INDIAN Prime Minister Nardendra Modi caused uproar within the country’s Muslim community after excluding them from an amnesty list.
The BJP put up and passed a law offering safe passage to illegal immigrants of six different religions from Pakistan, Afghanistan and Bangladesh.
Those of the Hindu, Sikh, Buddhist, Jain, Parsi and Christian faith will be able to take advantage of the Citizenship Amendment Act (CAA).
As of today, the Bill has become an Act and will be enforced – to the horror of 200 million Muslims inside India and human rights organisations outside of it.
Dr Sanjay Ruparelia of Ryerson University told Redaction News: “Formally, the Citizenship Amendment Bill is a humanitarian measure, meant to provide a route to citizenship for illegal migrants from Pakistan, Bangladesh and Afghanistan facing religious persecution.
“But the fact that it does not offer this path to Muslims, even sects persecuted in these countries like the Ahmedias and Shias, or Rohingya Muslims in Myanmar and Hindu Tamils in Sri Lanka, exposes its clear discriminatory basis and intent.

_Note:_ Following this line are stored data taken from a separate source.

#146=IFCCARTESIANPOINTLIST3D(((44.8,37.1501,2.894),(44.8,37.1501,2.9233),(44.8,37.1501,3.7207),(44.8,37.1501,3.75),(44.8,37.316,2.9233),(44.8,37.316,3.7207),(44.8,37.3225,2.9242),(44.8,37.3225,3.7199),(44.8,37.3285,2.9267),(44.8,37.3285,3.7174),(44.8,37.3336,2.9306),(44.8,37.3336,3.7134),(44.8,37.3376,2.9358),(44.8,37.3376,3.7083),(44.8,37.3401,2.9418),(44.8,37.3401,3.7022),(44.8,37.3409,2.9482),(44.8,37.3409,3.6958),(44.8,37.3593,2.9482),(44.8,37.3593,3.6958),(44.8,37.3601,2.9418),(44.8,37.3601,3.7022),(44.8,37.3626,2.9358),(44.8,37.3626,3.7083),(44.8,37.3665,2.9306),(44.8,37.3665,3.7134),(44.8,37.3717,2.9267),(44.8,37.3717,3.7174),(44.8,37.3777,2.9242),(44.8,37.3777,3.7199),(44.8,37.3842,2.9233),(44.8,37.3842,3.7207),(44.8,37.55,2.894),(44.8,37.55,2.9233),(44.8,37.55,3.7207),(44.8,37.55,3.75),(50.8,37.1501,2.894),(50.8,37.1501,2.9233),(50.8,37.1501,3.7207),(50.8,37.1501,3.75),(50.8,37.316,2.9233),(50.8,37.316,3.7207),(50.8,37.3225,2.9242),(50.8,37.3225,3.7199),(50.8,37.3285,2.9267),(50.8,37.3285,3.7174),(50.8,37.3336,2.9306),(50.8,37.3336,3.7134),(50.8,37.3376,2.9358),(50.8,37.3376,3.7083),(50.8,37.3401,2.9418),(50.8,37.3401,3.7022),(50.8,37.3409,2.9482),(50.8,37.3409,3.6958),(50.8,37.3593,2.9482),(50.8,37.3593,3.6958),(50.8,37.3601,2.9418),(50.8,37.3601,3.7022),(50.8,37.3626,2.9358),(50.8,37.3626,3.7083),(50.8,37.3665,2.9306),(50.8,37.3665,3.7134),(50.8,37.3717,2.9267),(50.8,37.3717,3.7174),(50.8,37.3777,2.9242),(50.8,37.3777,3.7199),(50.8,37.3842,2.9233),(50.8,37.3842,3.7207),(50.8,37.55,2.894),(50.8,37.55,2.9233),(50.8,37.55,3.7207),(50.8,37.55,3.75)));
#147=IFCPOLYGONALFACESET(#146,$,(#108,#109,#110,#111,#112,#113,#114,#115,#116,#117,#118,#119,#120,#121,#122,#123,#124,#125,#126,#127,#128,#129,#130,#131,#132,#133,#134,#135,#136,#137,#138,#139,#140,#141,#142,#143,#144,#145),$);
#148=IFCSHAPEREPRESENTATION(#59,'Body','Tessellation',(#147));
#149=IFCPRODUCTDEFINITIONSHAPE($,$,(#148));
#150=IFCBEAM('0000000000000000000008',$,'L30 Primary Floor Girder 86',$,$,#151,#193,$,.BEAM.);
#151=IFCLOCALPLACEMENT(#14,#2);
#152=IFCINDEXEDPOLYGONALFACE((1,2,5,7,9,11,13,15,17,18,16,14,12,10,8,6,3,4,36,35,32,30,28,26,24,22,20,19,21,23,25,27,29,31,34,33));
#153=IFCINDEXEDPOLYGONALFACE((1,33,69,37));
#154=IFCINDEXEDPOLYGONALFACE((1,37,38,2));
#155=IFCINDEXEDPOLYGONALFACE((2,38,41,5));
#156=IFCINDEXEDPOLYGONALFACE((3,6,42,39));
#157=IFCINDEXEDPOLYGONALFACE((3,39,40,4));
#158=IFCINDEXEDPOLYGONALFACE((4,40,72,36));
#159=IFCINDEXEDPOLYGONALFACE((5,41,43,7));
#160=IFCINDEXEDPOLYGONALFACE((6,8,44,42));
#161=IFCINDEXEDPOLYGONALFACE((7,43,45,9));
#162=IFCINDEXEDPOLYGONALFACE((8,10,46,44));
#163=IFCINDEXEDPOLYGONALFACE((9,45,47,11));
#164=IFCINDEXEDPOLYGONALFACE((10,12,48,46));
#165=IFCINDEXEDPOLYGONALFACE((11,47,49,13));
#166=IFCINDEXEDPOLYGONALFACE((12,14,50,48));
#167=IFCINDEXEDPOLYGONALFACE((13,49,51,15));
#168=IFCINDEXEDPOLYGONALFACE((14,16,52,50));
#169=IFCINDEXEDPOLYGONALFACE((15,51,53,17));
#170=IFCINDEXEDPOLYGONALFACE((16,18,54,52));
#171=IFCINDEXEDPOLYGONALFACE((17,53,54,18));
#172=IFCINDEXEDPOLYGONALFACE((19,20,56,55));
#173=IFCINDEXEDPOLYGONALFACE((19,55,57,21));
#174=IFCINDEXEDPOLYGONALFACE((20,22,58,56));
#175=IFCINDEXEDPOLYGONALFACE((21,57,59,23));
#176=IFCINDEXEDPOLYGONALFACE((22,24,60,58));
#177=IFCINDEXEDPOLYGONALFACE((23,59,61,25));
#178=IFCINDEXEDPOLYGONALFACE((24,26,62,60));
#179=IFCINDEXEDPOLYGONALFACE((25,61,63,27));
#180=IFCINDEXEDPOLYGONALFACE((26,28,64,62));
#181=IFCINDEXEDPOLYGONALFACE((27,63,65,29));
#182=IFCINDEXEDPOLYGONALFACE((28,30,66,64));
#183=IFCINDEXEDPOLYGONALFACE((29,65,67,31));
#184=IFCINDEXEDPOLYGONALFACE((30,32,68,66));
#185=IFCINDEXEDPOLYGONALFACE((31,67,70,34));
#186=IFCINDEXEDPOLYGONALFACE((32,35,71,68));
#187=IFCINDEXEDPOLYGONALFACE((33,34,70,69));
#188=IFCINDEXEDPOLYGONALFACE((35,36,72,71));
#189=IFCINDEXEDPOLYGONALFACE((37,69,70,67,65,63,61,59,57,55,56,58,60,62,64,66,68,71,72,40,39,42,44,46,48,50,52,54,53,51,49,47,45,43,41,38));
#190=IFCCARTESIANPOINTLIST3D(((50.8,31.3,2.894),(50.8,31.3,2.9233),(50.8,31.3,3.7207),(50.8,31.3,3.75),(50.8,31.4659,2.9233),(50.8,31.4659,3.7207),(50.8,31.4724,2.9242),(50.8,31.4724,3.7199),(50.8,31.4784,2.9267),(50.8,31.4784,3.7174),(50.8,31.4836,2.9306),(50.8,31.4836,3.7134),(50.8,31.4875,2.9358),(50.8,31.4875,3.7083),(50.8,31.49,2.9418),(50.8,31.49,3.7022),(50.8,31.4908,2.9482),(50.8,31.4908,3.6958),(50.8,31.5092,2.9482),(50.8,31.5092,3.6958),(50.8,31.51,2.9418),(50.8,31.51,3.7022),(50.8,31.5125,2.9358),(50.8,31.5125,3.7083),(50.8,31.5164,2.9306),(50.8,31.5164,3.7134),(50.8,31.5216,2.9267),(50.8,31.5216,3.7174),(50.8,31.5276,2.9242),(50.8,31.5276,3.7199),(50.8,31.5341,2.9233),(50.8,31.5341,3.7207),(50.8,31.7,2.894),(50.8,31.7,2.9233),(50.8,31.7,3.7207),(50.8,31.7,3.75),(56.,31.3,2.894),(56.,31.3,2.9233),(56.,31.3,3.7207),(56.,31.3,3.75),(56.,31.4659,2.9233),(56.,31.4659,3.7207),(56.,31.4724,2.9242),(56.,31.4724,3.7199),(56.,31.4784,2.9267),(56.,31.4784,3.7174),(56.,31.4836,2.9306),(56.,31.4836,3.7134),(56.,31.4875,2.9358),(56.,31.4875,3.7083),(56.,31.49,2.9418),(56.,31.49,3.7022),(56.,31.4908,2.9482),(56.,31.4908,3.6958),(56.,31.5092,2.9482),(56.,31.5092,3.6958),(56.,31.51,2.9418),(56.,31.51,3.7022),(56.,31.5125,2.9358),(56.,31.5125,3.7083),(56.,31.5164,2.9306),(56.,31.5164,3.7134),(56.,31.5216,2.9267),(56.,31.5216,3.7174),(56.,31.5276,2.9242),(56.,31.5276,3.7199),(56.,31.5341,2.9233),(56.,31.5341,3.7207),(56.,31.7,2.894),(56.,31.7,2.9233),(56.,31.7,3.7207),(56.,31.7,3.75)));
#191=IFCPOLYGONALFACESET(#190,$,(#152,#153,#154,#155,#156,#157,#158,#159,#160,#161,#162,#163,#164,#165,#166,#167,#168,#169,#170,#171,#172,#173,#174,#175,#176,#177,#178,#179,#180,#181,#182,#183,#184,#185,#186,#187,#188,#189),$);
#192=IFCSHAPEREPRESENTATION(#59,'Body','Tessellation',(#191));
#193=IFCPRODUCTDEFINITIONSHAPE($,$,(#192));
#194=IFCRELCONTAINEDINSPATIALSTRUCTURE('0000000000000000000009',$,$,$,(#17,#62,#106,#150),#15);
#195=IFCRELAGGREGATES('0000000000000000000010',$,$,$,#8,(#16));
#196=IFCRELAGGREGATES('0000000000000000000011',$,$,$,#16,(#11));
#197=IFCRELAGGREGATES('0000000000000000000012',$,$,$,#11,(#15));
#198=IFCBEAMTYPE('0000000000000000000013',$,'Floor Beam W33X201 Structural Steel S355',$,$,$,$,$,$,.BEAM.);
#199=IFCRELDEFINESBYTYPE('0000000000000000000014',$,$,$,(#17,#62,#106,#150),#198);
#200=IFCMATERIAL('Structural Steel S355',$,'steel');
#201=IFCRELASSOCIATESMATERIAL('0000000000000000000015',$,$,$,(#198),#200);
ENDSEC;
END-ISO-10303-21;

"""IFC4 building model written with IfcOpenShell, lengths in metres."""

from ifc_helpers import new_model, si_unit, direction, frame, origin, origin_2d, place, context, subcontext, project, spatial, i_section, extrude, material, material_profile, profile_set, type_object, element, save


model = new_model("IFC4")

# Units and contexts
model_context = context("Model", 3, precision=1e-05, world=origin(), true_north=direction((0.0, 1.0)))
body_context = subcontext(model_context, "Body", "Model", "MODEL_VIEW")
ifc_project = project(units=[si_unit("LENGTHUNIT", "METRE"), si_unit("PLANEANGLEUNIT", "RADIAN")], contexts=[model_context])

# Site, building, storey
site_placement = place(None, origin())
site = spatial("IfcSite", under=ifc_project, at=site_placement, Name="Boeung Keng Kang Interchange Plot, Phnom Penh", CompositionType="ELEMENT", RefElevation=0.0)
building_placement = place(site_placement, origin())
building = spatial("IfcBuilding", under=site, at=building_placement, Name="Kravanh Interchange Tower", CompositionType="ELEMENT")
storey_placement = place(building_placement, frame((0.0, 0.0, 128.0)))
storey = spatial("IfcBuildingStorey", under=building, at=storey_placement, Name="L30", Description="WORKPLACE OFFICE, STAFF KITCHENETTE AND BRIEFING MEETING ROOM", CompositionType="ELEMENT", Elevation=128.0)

“It is part of the longstanding campaign of Hindu nationalists to eradicate the secular foundations of post-independent India, to overturn its constitutional vision as a multireligious democratic polity.
“The annulment of Article 370 in Jammu and Kashmir in August, demotion of the state to a Union Territory directly administered by New Delhi and continuing lockdown in the region, and the recent Supreme Court decision to allow the construction of a Ram mandir on the site of the razed Babri masjid in Ayodhya despite calling its destruction ‘an egregious violation of the rule of law’, is part and parcel of this militant political agenda.”

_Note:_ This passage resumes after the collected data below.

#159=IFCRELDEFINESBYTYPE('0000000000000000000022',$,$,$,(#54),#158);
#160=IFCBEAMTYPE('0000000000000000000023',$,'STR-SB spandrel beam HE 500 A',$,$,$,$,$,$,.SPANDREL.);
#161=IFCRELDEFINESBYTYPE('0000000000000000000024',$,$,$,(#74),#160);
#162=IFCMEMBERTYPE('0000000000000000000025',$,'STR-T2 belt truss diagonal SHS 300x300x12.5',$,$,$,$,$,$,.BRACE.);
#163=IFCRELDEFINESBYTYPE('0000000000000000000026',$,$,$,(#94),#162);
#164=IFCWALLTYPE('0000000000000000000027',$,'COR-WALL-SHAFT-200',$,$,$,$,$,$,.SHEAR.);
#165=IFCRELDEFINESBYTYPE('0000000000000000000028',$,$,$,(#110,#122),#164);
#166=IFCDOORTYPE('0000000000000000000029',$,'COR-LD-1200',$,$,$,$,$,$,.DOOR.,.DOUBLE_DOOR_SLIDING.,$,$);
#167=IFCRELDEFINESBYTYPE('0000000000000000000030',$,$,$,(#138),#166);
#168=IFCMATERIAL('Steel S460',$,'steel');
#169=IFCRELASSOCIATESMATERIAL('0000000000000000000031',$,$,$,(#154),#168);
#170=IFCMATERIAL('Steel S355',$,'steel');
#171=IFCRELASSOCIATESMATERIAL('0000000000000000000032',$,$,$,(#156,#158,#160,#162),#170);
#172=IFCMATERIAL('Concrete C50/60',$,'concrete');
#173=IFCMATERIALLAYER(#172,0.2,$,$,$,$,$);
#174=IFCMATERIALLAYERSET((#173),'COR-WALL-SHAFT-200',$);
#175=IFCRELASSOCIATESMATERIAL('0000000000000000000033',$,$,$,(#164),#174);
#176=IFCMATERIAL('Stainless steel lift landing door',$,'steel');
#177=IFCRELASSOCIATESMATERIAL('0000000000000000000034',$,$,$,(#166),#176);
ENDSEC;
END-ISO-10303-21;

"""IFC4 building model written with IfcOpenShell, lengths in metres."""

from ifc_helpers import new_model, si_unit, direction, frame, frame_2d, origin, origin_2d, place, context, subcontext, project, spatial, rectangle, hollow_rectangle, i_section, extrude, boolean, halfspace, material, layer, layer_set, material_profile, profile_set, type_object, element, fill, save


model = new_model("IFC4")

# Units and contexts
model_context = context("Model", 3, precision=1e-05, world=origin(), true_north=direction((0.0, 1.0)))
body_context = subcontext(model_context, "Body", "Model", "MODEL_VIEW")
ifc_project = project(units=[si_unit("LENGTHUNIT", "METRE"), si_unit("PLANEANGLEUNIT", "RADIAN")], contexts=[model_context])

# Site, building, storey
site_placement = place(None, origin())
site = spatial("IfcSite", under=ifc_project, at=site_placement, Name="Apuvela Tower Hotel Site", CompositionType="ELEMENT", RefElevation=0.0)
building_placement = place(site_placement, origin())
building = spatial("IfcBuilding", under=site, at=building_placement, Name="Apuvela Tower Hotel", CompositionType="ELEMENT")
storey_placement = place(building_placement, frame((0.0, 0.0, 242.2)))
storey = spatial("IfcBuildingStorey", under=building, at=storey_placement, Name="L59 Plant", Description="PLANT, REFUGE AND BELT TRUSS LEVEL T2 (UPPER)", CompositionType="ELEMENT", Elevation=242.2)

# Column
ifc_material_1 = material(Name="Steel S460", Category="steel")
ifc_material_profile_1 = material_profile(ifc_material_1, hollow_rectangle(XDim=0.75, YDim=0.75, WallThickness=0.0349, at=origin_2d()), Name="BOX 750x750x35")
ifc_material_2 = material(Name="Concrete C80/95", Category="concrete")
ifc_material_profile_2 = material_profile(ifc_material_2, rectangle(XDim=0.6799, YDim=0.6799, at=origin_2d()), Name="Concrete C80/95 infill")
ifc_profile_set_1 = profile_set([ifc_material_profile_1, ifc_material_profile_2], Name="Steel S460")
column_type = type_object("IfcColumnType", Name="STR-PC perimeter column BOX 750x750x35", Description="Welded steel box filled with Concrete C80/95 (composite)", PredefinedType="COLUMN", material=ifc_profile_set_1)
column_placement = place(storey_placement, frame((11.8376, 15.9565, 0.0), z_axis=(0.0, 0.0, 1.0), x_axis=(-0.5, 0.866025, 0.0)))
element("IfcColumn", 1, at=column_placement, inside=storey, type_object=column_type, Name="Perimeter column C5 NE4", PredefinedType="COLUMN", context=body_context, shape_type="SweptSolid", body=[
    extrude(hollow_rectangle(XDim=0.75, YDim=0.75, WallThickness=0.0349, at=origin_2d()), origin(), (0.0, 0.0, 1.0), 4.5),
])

Yesterday the Prime Minister stoked further divisions when he said: “The Congress and its allies are making a noise, creating a storm. And if that doesn’t work, they are spreading a fire.
“From the visuals on TV, those setting the fire can be identified by their clothes.”
Dr Ruparelia claimed the move had gone down well in the BJP ranks.
He added: “It seems to be extremely popular given their desire to turn Indian democracy into a Hindu rashtra, their understanding that India should be seen as primarily a homeland for Hindus – ironically resembling the idea of Pakistan as a homeland for Muslims.
“Members of other religious communities, particularly Christians and especially Muslims, are seen as alien to this narrow ethnonationalist vision and thus will be reduced to second-class citizens. “
Modi’s re-election in May was a bitter blow to minorities who had already been in fear for the past five years.
However, grassroots resistance – while nullified by the sheer power of the Indian state – is still taking place.
Dr Ruparelia said: “It is twofold and reflects opposite political reactions.
“On the one hand, the opposition to the CAB in large parts of Assam is against a path towards naturalization for migrants from Bangladesh regardless of their religion, Hindu or Muslim. It represents a regional ethnonationalist vision.
“On the other hand, the opposition we see in the major cities outside the northeast is largely against the discriminatory character of the current version of the CAB.
“By excluding Muslims from its purview, most legal experts agree that it violates the right to equality before the law under Article 14 of the Constitution, as well as the so-called ‘basic structure’ doctrine, which the Supreme Court said includes the secular character of the Union, something that parliament cannot change.”
Left-wing groups have, expectedly, come out strongly against the act.
Redaction News spoke to the Socialist Movement in India, who demanded the revocation of the act.
A spokesman told Redaction News: “With the government threatening to conduct a nationwide National Register of Citizens (NRC), there are fears that Muslims would be the only ones who stand to lose their citizenship in such an exercise, if the CAA actually creates a mechanism for non-Muslims excluded from the NRC to gain citizenship.
“Amit Shah, along with a number of top BJP leaders, have explicitly communicated that Hindus need not worry about the NRC.
“This is a great blow to the very fundamentals of citizenship in a secular democracy.
“We must demand the withdrawal of the Citizenship Amendment Bill.
“The workers must join hands with students against the police brutality and demand the withdrawal of the CAA.”
Indian Muslims have long been fearful of the BJP, and especially Narendra Modi, who oversaw the 2002 Gujurat Riots.
In 2012, the then-Chief Minister was cleared despite a failure to intervene in the chaos which saw thousands of Muslims die.
Asaduddin Owaisi, one of India’s most prominent Muslim leaders, said after Modi’s re-election: “Just hours after the results were declared, Muslims were publicly attacked in many places by those celebrating Modi’s victory.”
In the past five years, 44 people have been lynched in India, most of them Muslims.
The situation is especially accentuated after the Kashmir crisis, where Indian forces appear to be committing human rights abuses in the Muslim-majority region.
Dr Sanjay Ruparelia is the Jarislowsky Democracy Chair at Ryerson University.